I had a lot of trepidation about making delicious miso soup but it was all for nought. The recipe below got a 5-star review from hubby.
Before you start
This soup was made in Canada so it is possible! For those in Japan, this may help you avoid the mistakes I made.
Some may think that making soup in the summer is odd but miso soup is a year round staple in Hitoshi’s family home and restaurants. I do think it’s best on a cooler day when you want a warm hug from your food.
Measurements are estimated because I learned to make this soup from watching Hitoshi. Hitoshi doesn’t use recipes for cooking and neither does his mother. Both also taste as they go. I think this style of cooking is fluid and flexible but it requires attention and patience for mistakes. I have made a recipe but I hope you will experiment and discover what you prefer. Enjoy!
Things You Need
- a big pot
- cooking hashi/chopsticks or a small whisk
- a deep soup ladle or a small bowl
- a regular kitchen spoon or tablespoon
- a sharp knife and cutting board
Some ingredients will likely only be available in Asian, Korean or Japanese food stores. Try your local grocery store though, as they might surprise you!
The ingredients below usually give us, two adults and a baby, at least two meals worth of soup.
- 1 large onion – preferably white but yellow, sweet or even red will do
- 1 pkg, about 350g tofu – medium-firm or firm, unflavored; organic or not
- about 2L water – filtered or not. We use filtered since our tap water is not always reliable.
- 4g dashi だし (½ a package of the paper tube style) – This is the seasoning that makes the soup. My mother-in-law’s favorite brand is Ajinomoto. I’ve seen it in the local Korean store. It’s expensive. It’s imported. In Japan, it’s not.
- about 1 tbsp miso みそ– This is the other cornerstone ingredient. It’s also expensive and imported. See Notes about Miso below.

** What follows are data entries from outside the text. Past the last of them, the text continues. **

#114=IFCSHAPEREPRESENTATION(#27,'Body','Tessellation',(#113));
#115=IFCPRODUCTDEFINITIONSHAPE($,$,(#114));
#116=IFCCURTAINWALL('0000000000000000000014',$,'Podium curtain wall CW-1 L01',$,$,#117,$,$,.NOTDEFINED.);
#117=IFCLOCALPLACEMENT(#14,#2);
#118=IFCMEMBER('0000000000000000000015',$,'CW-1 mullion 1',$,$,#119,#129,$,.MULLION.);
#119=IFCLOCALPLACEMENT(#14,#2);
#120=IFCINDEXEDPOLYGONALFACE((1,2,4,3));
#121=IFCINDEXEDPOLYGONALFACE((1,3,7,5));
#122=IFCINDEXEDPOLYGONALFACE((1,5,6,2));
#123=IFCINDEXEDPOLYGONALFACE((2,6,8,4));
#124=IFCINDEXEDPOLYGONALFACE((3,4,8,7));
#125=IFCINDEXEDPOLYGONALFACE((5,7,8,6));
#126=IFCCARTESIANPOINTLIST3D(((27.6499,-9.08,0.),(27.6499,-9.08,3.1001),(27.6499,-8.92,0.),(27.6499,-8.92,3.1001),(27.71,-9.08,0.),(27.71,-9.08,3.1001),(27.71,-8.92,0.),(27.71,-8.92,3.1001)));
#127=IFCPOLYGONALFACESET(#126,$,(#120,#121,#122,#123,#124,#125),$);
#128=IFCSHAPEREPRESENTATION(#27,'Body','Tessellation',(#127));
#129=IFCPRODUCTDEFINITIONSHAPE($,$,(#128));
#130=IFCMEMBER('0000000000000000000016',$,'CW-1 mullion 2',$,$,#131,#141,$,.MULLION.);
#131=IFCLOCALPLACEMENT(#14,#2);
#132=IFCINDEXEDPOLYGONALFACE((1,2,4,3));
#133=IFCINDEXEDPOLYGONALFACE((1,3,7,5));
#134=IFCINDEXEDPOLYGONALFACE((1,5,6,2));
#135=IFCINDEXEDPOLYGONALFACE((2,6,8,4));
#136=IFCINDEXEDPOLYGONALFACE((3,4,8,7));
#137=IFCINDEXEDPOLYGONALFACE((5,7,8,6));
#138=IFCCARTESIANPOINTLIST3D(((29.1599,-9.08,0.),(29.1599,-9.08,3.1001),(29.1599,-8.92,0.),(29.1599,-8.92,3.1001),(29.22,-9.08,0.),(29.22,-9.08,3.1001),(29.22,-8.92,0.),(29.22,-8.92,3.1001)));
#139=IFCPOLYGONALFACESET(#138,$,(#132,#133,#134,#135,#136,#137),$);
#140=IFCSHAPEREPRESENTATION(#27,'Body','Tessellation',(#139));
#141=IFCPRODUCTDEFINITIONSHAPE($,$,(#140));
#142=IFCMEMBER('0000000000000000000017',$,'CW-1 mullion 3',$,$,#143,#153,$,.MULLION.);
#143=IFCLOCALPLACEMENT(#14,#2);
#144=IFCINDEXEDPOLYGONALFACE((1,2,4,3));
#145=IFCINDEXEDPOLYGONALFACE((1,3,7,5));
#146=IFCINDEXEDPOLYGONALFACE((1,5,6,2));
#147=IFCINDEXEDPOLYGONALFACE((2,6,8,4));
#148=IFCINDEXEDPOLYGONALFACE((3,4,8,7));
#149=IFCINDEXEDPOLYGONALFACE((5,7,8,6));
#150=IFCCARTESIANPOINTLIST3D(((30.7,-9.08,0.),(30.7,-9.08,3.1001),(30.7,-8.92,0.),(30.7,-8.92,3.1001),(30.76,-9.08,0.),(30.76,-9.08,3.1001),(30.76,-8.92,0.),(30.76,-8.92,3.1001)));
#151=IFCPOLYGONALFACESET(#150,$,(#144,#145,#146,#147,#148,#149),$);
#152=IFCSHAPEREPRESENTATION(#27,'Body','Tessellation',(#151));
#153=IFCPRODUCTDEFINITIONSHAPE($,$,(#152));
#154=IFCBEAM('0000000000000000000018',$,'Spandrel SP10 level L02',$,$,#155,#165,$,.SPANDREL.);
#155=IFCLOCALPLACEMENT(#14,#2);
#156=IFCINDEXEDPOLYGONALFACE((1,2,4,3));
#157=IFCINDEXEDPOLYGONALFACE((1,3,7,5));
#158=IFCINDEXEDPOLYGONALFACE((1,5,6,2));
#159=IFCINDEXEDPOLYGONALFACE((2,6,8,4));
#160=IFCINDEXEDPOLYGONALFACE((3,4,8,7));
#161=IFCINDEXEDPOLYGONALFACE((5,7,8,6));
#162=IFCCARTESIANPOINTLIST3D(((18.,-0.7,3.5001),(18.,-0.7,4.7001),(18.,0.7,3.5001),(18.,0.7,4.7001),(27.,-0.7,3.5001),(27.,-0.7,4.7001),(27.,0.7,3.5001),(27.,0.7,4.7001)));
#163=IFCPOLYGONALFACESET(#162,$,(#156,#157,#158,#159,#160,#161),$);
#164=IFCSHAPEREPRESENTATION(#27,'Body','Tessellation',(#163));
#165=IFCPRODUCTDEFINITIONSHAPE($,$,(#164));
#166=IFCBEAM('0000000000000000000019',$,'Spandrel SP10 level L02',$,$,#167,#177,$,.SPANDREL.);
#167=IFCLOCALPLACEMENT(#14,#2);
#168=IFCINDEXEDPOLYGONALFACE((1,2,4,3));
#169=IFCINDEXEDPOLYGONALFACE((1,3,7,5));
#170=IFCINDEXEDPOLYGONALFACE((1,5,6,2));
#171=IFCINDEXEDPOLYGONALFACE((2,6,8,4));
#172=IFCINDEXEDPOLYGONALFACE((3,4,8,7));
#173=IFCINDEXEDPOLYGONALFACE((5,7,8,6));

- about 1 tbsp wakame わかめ– This is a type of seaweed. The contents of the package are deceiving! Start with less and see how much floats to the surface. While this ingredient is not critical, it is standard for our miso soup and Hitoshi’s mom always uses this seaweed or another type.
- chopped green onion – look for plump, firm bunches that are not slimy
- roasted sesame seeds – We can pay a lot for imported versions at Asian groceries or around $3 at the local chain grocery store. Look for it in the refrigerated section.
Steps to make miso soup
1. Boil water in the pot.
2. Chop the onion. I prefer larger curls. You want to be able to pick the onion up easily with hashi (chopsticks) when you eat your soup.
3. Add dashi and wait until the water is a soft golden color. Keep the pot boiling.
4. Add onion and boil until soft. It’s okay if you forget #3 and add it after the onion.
5. Add wakame and see how much materializes. Keep the pot boiling. Add more in small amounts, if you wish.
6. Slice tofu into chunks. The easiest way is to drain the tofu but leave it in the container. Make 3 or 4 even slices both ways to make a grid. Add to the pot and cook for a few minutes until the tofu is soft. Firm and medium-firm tofu will soften but should not go mushy.
7. Keep the heat up. Scoop a ladle full of soup from the pot. Place miso in the ladle and stir gently with a whisk or cooking hashi until it is dissolved. Be patient. This will take time. If you don’t have a ladle or find this difficult, use a small bowl.
8. Pour the incorporated miso and soup back into the pot. Turn the heat down to simmer.
9. Taste the soup. If it needs more miso, add a little as per step 6, but be careful. Even if the soup does not seem to have full flavor, it still might have enough miso.
10. Ladle the soup into bowls and eat plain or add toppings. Use hashi to eat the onion and tofu and drink the soup directly from the bowl. I won’t tell though if you eat your soup with a spoon from a soup bowl!
Working with Miso
Miso should be treated with care. This includes not being aggressive when you whisk or stir it into a portion of the soup.
According to Hitoshi’s mother, the flavor of miso is reduced if you continue to boil the soup once the miso is added.
Miso comes in two types of packaging. The easiest to work with is a tub. The other is a firm, plastic bag. The bag is often cheaper and tastes good but is an annoying dispenser. Hitoshi’s trick is to cut off a small corner of the bag and squeeze the miso out. You can control the flow but it is impossible to squeeze the miso at the mouth back into the package. We always waste some closing the bag. The remedy is to dump the miso into a glass container with a lid and store it in the fridge.
There are two types of miso in our local Asian stores: red and white. We prefer red. It has a stronger flavor.